When it comes to more technical components for regulatory solutions, they should include the following capabilities:

  1. Information categorization. Whether it’s historical regulations or the most recently applicable regulation for information search purposes, strong categorization capabilities are vital. Because so much regulatory intelligence data is unstructured, this capability requires strong natural language processing algorithms.
  2. Semantic search. It’s also essential that the end-user be able to retrieve information easily when needed. For example, users may need to constantly refer to the most updated regulatory guidelines, which require search capabilities like a Google search. Existing capabilities in this domain today include structured search with filters and drop downs. But a more intuitive semantic search capability will make accessing the right regulation much easier and user friendly.
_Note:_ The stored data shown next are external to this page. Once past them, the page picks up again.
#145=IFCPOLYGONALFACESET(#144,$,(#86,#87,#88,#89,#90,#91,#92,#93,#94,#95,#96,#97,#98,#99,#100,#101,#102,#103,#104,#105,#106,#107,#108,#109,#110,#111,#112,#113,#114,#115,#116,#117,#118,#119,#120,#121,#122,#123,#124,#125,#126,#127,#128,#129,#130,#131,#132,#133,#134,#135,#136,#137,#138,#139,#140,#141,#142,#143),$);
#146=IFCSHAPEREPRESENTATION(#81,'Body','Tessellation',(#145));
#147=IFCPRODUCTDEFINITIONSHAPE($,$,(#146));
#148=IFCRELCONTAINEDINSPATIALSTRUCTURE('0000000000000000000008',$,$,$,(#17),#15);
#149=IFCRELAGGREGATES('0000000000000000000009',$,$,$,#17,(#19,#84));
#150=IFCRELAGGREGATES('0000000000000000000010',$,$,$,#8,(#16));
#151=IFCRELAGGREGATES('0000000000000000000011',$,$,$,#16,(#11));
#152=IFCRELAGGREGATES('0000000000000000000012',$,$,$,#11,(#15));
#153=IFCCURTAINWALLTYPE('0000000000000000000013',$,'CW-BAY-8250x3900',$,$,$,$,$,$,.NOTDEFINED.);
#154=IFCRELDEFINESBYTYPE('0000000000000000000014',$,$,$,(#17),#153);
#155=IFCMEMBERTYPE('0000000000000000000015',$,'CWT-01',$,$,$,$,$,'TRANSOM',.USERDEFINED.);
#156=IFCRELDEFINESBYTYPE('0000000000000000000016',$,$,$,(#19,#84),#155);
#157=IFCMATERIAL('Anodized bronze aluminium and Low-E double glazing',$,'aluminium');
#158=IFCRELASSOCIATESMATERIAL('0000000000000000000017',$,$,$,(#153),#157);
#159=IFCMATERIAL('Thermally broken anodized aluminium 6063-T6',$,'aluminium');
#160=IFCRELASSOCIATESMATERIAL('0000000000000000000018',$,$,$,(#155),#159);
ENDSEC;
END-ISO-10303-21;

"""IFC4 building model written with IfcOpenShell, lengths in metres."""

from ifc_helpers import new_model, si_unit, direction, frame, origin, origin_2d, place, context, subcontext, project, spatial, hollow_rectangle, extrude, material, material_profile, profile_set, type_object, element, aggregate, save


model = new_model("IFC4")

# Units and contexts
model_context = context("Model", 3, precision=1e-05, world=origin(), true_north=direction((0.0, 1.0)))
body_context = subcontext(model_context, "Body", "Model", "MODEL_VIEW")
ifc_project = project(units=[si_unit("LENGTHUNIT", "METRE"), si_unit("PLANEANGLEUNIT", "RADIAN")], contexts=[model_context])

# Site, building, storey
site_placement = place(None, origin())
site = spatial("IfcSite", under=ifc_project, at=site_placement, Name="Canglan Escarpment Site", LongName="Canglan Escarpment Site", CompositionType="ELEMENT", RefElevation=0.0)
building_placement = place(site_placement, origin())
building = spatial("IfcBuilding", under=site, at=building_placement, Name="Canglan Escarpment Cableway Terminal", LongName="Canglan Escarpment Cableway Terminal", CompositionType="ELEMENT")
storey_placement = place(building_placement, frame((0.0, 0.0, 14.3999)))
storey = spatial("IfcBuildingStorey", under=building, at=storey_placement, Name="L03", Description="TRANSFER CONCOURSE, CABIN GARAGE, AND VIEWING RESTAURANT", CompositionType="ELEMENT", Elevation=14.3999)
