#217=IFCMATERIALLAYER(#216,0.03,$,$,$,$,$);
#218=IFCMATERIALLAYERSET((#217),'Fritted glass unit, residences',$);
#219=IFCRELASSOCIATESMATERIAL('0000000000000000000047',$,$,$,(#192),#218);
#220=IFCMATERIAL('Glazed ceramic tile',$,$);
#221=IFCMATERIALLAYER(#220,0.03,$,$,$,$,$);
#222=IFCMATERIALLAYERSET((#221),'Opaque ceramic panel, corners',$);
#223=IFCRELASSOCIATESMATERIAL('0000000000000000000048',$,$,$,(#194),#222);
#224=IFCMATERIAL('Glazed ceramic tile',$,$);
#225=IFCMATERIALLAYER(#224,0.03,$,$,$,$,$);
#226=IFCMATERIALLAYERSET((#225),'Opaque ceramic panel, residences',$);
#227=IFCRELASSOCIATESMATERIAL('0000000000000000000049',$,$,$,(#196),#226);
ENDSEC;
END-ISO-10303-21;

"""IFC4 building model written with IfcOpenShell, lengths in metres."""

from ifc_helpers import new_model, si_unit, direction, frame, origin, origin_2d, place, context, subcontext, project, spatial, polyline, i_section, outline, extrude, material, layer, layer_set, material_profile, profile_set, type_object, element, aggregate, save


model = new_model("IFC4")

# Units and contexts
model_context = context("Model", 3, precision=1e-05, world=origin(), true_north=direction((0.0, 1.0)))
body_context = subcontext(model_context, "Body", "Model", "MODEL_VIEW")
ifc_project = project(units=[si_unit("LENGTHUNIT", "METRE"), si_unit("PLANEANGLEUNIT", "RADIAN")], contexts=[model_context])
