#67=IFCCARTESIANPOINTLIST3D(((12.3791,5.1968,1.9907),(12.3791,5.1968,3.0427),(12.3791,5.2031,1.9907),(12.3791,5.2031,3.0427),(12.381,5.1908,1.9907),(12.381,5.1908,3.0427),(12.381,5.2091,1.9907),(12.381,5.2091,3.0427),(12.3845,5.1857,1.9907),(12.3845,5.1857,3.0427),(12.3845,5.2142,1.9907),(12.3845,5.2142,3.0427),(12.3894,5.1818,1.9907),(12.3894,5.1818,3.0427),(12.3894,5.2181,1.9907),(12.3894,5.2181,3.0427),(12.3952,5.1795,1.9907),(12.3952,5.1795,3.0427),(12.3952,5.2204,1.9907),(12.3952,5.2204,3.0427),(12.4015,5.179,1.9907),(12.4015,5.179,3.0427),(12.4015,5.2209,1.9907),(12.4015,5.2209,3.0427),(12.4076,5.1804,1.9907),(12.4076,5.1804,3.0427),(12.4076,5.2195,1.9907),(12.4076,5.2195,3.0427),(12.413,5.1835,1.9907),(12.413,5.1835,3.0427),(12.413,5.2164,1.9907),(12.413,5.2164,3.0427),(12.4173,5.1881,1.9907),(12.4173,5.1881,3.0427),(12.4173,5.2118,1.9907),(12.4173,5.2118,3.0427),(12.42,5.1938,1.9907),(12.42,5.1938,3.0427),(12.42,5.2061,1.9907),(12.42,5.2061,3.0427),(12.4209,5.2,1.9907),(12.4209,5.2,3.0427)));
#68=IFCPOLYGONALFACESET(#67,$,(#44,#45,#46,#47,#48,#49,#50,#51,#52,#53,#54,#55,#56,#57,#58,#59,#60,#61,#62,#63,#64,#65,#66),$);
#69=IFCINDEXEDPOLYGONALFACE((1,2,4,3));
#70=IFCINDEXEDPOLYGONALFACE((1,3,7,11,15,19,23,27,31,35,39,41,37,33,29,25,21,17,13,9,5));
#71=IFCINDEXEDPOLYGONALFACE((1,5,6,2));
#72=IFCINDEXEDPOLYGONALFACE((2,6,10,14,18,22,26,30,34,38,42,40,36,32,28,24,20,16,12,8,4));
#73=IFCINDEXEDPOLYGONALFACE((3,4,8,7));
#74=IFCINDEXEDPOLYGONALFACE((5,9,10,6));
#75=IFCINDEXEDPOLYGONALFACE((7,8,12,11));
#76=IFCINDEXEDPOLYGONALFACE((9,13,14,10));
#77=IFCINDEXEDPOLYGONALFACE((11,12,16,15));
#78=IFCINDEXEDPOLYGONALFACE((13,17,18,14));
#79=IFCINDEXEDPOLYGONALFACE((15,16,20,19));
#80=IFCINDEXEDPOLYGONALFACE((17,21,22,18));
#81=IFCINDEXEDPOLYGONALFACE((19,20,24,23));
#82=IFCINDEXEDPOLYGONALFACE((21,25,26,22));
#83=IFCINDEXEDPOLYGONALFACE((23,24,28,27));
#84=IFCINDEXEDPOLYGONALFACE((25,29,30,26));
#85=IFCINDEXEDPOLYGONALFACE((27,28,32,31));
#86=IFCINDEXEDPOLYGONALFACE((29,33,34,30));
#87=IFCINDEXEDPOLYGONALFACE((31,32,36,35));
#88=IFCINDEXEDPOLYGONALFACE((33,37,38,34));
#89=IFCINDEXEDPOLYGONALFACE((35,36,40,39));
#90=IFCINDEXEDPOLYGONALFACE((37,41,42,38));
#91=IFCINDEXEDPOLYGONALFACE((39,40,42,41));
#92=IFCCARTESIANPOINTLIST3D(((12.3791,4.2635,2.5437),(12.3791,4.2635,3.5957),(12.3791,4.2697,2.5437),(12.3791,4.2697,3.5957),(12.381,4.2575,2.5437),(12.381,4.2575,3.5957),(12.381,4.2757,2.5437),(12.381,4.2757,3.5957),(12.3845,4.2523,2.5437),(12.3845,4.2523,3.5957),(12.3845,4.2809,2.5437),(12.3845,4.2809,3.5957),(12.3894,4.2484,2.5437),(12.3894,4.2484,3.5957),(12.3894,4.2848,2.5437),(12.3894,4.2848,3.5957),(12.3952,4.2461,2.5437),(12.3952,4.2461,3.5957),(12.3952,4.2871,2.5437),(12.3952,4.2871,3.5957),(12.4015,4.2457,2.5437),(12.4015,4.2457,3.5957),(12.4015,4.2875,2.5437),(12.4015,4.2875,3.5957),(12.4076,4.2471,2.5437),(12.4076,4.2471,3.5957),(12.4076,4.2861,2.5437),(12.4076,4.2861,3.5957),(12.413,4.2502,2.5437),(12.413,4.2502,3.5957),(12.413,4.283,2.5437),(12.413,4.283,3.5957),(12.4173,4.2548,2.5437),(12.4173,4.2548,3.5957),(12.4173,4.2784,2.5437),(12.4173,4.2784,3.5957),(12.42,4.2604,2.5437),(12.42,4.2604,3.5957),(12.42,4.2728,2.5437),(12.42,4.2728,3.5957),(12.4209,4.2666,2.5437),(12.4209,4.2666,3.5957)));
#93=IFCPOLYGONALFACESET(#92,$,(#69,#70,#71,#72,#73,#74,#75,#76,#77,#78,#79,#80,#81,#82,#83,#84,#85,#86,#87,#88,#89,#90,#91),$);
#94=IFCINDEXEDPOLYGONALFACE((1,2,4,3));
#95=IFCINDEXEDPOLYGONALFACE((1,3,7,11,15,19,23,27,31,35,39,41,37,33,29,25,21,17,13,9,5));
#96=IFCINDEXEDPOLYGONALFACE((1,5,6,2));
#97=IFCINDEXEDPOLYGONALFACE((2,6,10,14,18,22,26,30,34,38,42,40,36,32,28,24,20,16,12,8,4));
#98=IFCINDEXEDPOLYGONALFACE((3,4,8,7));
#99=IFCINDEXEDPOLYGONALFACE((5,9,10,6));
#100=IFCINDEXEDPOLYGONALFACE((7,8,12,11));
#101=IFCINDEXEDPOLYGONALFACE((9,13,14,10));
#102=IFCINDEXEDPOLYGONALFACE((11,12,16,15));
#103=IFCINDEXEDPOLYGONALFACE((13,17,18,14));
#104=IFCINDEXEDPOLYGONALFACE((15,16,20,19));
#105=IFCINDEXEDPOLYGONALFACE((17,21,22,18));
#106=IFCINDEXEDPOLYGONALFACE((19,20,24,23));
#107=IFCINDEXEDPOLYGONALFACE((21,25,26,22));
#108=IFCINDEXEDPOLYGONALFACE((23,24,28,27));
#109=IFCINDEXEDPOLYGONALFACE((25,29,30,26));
  3. Knowledge graphs and recommendation engines. Regulatory intelligence must go beyond just storing and retrieving information. It must also be able to alert users about the possibility of better regulatory decisions for a given submission when a submission is being planned. This requires that a system be able to understand the context and background of the submission and make the most appropriate regulatory recommendations. Such context-sensitive recommendations can only be achieved through knowledge graphs.

While there currently are no end-to-end regulatory intelligence platforms on the market, there are tools and technologies available right now that can make a difference. In our experience, many SMEs working in this space aren’t aware of AI-assisted tools that could shorten some of their most time-consuming regulatory tasks. We encourage the professionals working in this space to consider the art of what’s possible and plan for a future where powerful data, combined with the most experienced minds, delivers novel treatments to patients with fewer delays.